You’re forgetting that Orange Juice, Oil and Silver markets crashed and Leon avoided all those shit sandwiches. He doubled the money with Pork in a short time.

Stuff like not trading for Russell Westbrook will not impact my grade.

***Moves I’m forgetting:
– ???***

Um… not trading for Mitchell? (or for Dejounte Murray).

I can’t see how anyone can choose anything other than a 2 or 3. I chose 3 because the team will be fun to watch and there is a possibility that a major deal can happen. But for all the negatives stated above, 2 is certainly fair.

4 and 5 are unattainable so long as Thibs is coach. 1 is a nonsense grade as we all know what a 1 really is (David Lee excepted.)

If Ujiri or Ainge took over the team right now, they’d be very pleased with the possibilities of the situation. That alone merits a 2.

If Ujiri or Ainge took over the team right now, they’d be very pleased with the possibilities of the situation. That alone merits a 2.

I was about to say something similar. The team isn’t necessarily set up badly. A creative GM would probably be able to come in here and get this train on the right track.

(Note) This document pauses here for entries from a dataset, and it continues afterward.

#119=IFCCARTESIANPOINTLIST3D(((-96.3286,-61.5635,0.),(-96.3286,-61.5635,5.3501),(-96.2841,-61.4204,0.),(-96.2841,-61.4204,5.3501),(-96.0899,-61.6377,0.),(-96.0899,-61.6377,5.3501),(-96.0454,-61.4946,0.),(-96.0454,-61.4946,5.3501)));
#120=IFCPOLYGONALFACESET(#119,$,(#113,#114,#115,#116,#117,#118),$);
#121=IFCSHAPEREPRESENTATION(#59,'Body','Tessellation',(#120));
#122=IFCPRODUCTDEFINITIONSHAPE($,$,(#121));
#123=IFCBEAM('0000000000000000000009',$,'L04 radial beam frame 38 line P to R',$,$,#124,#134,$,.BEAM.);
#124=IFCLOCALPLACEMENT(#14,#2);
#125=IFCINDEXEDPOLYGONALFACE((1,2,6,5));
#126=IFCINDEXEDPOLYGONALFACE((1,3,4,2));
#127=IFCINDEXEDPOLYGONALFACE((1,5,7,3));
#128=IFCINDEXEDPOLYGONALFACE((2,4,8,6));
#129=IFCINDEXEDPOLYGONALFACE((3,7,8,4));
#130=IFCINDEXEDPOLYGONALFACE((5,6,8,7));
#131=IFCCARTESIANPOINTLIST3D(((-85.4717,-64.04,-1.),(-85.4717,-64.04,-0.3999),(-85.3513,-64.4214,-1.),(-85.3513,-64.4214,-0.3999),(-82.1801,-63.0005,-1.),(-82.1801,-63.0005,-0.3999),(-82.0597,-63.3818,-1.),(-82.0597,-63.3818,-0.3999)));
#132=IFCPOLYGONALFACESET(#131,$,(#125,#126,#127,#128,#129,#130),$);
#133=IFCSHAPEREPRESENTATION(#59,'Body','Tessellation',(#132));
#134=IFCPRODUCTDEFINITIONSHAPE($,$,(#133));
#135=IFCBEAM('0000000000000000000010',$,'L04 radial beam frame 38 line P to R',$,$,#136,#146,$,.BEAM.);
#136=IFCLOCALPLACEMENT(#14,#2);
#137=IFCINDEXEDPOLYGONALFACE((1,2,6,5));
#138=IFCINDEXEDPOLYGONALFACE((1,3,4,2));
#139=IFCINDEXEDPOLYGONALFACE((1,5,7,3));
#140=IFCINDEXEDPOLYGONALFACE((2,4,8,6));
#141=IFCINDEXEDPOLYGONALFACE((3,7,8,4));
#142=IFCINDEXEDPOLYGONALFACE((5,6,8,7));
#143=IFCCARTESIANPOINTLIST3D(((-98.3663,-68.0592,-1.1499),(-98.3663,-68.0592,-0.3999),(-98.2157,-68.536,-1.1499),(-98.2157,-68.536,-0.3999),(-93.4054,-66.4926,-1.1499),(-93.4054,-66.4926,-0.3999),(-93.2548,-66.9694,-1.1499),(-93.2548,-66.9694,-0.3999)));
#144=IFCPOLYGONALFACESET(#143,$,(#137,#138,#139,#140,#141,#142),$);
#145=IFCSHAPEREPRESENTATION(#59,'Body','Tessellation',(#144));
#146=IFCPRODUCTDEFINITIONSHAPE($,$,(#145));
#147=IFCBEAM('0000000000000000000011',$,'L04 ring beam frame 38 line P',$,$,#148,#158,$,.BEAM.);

Unfortunately Leon Rose is not really a “creative” GM. His moves are pretty vanilla. Now, mind you, some of them are pretty good moves and vanilla is actually a pretty good flavor sometimes. Brunson and Hartenstein are like the top shelf vanilla ice cream you get at Salt and Straw. Evan Fournier and the Julius Randle extension are like a pint of supermarket brand vanilla ice cream that has been in the freezer for too long and now tastes like freezer burn. Still vanilla, but bad vanilla.

The real problem is that what we really need is a pint of like honey balsamic fig ice cream or something like that. This situation requires creative problem solving, and I haven’t seen evidence that Leon can really do that.

***and vanilla is actually a pretty good flavor sometimes.***

Like the vanilla scented candles you burn while listening to The Range?

The bad thing about the fournier and noel and burks and rose deals was not really any of the individual deals. Even Fournier, the biggest overpay, probably doesn’t matter all that much. He’s still a great shooter. The problem was doing all of them. There was no real reason to lock that team in for 2 years.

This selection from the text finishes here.